4. There is some unuseful and mixed data value in the raw data frame, so I choose to filter them out using `[df['index'] < 6468]`:

In [10]:
filtered = df[df['index'] < 6468] # Manual Count
filtered = filtered.drop(columns=['index'])

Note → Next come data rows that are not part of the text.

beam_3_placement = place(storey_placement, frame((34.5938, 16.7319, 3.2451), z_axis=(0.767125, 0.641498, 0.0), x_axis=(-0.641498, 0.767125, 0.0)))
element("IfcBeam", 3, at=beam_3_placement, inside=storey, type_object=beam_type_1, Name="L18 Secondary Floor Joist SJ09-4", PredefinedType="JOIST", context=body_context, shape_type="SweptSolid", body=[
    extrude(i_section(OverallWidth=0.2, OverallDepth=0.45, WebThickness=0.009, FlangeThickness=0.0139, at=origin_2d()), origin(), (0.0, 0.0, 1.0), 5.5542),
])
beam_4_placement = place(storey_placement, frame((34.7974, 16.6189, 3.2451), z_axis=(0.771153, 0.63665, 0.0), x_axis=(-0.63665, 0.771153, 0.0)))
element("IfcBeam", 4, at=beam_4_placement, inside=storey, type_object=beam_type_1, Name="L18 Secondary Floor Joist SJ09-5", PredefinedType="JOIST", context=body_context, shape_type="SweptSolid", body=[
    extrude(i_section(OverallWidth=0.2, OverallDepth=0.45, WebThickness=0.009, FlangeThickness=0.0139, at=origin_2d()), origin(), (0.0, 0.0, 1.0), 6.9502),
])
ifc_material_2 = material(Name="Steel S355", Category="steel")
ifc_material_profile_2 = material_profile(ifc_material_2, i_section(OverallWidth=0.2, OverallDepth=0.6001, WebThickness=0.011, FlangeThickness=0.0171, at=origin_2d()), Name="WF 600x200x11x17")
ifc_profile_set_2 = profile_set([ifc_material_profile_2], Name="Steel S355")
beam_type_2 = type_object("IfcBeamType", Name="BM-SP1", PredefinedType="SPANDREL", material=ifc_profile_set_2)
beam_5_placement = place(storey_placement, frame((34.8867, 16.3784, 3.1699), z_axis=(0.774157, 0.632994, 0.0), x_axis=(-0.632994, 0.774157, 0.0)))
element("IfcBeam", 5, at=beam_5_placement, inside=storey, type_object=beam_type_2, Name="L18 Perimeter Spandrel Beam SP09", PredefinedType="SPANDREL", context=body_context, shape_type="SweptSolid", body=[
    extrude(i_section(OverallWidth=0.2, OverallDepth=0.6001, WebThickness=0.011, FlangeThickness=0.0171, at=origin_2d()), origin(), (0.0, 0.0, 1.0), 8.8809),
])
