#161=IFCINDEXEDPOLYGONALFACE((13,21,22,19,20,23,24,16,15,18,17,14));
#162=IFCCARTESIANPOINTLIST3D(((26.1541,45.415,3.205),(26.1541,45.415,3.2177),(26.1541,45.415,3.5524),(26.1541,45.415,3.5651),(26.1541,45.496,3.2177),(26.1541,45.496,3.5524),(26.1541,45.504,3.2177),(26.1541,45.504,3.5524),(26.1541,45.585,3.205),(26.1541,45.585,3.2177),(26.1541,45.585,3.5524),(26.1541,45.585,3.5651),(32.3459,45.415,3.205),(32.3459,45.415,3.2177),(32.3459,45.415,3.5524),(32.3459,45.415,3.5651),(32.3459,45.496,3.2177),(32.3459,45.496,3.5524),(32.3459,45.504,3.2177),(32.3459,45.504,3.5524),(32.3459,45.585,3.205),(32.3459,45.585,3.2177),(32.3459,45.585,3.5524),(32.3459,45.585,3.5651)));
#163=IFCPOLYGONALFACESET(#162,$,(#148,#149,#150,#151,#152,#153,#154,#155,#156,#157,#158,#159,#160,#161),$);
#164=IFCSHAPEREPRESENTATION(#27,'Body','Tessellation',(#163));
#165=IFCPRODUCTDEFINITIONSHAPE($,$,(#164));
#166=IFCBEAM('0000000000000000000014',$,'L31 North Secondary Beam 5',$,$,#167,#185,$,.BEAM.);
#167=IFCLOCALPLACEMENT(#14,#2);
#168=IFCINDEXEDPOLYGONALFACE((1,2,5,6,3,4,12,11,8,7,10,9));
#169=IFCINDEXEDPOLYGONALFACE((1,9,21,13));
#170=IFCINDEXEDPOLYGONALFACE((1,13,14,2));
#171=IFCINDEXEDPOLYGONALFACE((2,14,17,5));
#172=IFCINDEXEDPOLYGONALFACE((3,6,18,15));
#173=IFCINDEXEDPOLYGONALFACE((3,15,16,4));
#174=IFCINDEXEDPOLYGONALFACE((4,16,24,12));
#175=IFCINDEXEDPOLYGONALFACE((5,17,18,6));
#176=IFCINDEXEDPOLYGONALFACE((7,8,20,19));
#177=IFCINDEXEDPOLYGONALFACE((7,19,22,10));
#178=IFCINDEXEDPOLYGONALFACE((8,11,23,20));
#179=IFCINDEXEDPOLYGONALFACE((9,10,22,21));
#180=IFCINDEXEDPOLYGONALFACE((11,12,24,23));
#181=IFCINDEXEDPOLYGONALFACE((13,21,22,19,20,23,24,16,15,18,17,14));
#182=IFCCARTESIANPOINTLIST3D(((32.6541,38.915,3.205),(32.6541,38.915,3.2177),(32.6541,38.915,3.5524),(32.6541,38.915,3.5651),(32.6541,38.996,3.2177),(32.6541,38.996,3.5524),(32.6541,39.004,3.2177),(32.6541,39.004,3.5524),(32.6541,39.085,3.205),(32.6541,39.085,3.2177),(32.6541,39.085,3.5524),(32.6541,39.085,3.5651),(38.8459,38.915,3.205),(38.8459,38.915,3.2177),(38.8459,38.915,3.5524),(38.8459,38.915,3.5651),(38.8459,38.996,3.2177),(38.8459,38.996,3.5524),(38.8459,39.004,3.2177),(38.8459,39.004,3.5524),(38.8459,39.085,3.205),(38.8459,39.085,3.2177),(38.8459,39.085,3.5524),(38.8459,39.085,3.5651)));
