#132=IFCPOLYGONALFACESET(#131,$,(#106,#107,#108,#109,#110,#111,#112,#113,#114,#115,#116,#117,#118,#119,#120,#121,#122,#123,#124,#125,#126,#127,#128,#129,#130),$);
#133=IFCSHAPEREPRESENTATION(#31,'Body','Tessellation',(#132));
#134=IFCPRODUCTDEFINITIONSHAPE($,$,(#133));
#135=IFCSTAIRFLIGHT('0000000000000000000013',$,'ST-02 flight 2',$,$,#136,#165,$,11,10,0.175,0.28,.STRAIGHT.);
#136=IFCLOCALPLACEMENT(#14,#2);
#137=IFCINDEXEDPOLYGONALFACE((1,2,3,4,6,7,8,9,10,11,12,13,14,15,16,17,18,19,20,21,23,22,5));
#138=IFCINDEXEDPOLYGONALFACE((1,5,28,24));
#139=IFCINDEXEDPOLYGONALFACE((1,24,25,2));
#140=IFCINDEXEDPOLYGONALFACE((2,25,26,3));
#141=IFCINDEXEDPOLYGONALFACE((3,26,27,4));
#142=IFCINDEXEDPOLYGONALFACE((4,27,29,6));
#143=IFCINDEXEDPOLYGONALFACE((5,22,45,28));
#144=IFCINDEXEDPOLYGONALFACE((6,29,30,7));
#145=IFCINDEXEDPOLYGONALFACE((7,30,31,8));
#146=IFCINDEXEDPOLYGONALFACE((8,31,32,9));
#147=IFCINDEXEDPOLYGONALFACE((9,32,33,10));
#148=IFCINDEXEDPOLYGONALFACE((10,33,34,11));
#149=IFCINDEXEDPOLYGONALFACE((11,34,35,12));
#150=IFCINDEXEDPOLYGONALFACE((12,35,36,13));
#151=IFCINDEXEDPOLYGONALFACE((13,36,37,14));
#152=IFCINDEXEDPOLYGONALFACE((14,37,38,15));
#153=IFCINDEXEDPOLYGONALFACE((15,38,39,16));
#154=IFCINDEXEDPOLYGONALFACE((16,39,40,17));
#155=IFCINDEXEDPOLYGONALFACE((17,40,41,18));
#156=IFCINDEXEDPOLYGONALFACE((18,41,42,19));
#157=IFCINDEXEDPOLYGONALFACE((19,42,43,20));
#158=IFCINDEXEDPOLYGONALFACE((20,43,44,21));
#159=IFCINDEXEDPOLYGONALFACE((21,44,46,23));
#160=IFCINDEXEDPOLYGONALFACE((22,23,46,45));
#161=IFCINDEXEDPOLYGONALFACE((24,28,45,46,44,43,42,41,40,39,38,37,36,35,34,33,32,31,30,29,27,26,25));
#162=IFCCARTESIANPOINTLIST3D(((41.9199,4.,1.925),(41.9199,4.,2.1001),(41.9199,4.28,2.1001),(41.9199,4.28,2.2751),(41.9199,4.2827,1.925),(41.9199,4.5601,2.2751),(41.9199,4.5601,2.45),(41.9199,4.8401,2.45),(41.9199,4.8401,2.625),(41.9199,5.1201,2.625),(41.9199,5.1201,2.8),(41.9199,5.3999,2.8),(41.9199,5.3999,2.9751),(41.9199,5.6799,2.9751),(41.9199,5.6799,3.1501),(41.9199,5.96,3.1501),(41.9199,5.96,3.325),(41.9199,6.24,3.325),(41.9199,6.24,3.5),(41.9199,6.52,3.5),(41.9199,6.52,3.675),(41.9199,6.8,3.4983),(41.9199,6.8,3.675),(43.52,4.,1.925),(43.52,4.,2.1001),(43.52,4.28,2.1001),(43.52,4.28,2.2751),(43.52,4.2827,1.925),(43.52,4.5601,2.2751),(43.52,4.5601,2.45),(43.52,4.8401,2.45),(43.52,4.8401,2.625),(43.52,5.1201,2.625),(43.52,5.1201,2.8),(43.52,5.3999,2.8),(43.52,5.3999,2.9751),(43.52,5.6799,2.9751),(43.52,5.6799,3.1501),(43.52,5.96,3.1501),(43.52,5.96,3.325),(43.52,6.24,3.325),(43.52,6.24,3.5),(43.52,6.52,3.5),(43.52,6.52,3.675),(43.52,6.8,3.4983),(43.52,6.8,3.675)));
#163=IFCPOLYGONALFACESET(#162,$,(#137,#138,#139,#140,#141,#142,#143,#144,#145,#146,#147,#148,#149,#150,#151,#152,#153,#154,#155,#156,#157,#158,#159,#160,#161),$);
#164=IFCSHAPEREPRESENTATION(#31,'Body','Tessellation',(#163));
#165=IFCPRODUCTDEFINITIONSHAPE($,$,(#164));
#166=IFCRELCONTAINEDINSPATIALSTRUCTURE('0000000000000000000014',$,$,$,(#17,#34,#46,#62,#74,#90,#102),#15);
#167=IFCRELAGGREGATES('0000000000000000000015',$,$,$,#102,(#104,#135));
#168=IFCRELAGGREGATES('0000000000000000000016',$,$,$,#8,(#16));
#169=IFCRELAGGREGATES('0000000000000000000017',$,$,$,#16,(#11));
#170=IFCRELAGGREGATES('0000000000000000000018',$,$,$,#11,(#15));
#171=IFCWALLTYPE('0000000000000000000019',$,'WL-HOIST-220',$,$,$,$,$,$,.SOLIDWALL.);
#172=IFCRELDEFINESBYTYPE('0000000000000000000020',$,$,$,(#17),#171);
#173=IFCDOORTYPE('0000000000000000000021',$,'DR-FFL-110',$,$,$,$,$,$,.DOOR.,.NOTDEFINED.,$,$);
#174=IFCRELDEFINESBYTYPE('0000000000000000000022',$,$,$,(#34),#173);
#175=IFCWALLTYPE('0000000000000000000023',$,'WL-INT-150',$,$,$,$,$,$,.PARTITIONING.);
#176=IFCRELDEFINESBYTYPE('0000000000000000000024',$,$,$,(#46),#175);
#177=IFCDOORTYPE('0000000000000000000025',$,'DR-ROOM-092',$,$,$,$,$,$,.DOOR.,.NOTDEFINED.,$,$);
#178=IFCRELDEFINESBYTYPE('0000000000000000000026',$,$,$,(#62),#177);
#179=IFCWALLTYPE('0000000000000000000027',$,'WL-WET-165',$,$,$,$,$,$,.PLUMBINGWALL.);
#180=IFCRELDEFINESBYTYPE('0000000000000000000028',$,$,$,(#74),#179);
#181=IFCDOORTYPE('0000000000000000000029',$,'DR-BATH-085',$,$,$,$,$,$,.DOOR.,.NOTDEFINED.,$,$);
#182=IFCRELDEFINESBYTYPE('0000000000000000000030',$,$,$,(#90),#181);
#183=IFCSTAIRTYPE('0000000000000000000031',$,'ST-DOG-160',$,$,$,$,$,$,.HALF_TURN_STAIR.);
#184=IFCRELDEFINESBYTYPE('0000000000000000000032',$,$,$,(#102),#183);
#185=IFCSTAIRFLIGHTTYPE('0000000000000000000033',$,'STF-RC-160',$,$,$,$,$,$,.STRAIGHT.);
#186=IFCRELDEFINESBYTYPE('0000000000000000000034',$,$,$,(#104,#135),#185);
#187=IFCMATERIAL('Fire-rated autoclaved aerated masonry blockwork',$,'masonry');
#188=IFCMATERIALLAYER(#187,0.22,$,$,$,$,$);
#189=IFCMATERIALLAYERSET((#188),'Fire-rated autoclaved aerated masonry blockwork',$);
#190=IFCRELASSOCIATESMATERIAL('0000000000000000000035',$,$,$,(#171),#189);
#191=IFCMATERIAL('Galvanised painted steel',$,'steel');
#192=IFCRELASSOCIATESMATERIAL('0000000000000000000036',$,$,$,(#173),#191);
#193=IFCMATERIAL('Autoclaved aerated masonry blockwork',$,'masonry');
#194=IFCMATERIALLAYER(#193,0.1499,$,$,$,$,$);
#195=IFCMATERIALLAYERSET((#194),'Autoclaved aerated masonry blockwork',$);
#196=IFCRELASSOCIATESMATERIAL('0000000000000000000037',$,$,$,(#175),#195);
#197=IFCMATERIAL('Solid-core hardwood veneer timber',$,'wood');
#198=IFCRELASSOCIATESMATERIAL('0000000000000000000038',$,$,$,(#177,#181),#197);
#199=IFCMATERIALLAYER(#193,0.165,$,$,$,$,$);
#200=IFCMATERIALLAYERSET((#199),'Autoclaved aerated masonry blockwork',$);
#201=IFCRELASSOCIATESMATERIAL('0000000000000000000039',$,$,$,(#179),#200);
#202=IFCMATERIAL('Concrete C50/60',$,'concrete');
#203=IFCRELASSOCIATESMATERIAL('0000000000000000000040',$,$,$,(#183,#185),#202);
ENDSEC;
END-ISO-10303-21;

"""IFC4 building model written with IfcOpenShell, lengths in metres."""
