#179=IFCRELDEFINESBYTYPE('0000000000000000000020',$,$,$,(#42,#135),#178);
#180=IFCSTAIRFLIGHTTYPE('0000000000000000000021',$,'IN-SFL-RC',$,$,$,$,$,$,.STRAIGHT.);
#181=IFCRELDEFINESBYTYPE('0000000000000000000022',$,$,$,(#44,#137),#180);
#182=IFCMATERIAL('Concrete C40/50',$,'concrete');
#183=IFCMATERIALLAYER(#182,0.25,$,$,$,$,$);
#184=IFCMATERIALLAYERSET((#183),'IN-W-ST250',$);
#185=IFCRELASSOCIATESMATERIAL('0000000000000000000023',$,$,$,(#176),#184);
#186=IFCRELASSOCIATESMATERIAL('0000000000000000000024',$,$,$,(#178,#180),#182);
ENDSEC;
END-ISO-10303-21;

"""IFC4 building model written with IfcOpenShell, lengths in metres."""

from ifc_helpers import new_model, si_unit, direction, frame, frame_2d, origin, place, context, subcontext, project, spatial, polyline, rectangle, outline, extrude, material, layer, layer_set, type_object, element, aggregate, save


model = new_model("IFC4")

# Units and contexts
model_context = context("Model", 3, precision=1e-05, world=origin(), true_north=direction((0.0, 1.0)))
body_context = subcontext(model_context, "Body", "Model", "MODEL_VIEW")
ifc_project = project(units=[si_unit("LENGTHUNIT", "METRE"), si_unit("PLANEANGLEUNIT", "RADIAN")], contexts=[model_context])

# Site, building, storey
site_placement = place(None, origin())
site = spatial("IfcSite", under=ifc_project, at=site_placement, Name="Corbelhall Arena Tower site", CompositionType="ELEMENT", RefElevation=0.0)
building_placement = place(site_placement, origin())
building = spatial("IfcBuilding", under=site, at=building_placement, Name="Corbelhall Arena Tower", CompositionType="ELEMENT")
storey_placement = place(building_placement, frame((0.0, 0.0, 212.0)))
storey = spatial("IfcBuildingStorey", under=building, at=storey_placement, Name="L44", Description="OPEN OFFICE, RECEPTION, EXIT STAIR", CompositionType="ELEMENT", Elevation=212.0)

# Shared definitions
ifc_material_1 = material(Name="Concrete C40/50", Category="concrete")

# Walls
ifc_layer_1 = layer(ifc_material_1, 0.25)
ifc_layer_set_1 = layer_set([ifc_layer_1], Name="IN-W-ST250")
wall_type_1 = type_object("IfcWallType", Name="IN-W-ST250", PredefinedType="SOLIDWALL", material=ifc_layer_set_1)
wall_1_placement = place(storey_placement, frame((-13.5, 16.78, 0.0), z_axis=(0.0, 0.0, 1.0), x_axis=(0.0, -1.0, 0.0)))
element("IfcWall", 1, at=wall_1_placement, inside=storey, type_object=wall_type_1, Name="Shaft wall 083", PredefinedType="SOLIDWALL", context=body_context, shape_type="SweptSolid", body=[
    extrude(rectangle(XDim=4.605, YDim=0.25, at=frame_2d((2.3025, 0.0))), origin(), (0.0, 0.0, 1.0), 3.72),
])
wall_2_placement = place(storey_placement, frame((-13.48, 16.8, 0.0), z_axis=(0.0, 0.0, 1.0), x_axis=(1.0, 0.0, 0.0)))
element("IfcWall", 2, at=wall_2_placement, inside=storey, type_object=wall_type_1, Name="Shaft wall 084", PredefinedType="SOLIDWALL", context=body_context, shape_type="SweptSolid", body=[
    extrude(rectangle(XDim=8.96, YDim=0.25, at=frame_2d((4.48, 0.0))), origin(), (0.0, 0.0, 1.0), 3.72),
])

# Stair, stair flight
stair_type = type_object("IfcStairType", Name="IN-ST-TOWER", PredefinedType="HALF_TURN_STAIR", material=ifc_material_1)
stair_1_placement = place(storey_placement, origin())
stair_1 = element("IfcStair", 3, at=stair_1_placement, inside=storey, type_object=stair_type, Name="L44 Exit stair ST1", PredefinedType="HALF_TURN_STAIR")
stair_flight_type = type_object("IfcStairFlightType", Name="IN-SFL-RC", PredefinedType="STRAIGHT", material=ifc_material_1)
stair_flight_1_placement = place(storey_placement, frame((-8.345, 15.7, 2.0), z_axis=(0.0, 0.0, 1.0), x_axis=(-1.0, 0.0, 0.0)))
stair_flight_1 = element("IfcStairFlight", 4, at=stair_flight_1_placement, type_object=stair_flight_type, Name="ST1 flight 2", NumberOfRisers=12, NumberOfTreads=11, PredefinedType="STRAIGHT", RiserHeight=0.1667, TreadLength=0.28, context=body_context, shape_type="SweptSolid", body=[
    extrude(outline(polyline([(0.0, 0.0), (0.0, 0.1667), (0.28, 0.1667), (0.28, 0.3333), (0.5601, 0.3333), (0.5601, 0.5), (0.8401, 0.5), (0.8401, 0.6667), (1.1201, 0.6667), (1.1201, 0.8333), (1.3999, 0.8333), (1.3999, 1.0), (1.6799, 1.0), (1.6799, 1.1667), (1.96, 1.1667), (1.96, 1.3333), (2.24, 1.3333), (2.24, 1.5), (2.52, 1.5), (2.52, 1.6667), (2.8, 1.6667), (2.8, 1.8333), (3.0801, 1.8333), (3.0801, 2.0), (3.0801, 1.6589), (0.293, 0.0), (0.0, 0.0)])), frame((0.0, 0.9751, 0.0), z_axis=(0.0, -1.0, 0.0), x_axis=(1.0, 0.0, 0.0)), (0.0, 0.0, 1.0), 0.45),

5. Make sure to use `.copy()` to avoid a `SettingwithCopyWarning` warning that alerts you when you try to modify a data frame after selecting a subset of its data, potentially leading to unexpected results later:

In [11]:
filtered = filtered.copy()
filtered

Unnamed: 0,Entity,Code,Year,Schizophrenia (%),Bipolar disorder (%),Eating disorders (%),Anxiety disorders (%),Drug use disorders (%),Depression (%),Alcohol use disorders (%)
0,Afghanistan,AFG,1990,0.160560,0.697779,0.101855,4.828830,1.677082,4.071831,0.672404
1,Afghanistan,AFG,1991,0.160312,0.697961,0.099313,4.829740,1.684746,4.079531,0.671768
2,Afghanistan,AFG,1992,0.160135,0.698107,0.096692,4.831108,1.694334,4.088358,0.670644
3,Afghanistan,AFG,1993,0.160037,0.698257,0.094336,4.830864,1.705320,4.096190,0.669738
4,Afghanistan,AFG,1994,0.160022,0.698469,0.092439,4.829423,1.716069,4.099582,0.669260
...,...,...,...,...,...,...,...,...,...,...
6463,Zimbabwe,ZWE,2013,0.155670,0.607993,0.117248,3.090168,0.766280,3.128192,1.515641
6464,Zimbabwe,ZWE,2014,0.155993,0.608610,0.118073,3.093964,0.768914,3.140290,1.515470
6465,Zimbabwe,ZWE,2015,0.156465,0.609363,0.119470,3.098687,0.771802,3.155710,1.514751
6466,Zimbabwe,ZWE,2016,0.157111,0.610234,0.121456,3.104294,0.772275,3.174134,1.513269


# Creating Data Subsets
Now, we are going to generate subsets that will be used in the future. Carefully read through the following steps.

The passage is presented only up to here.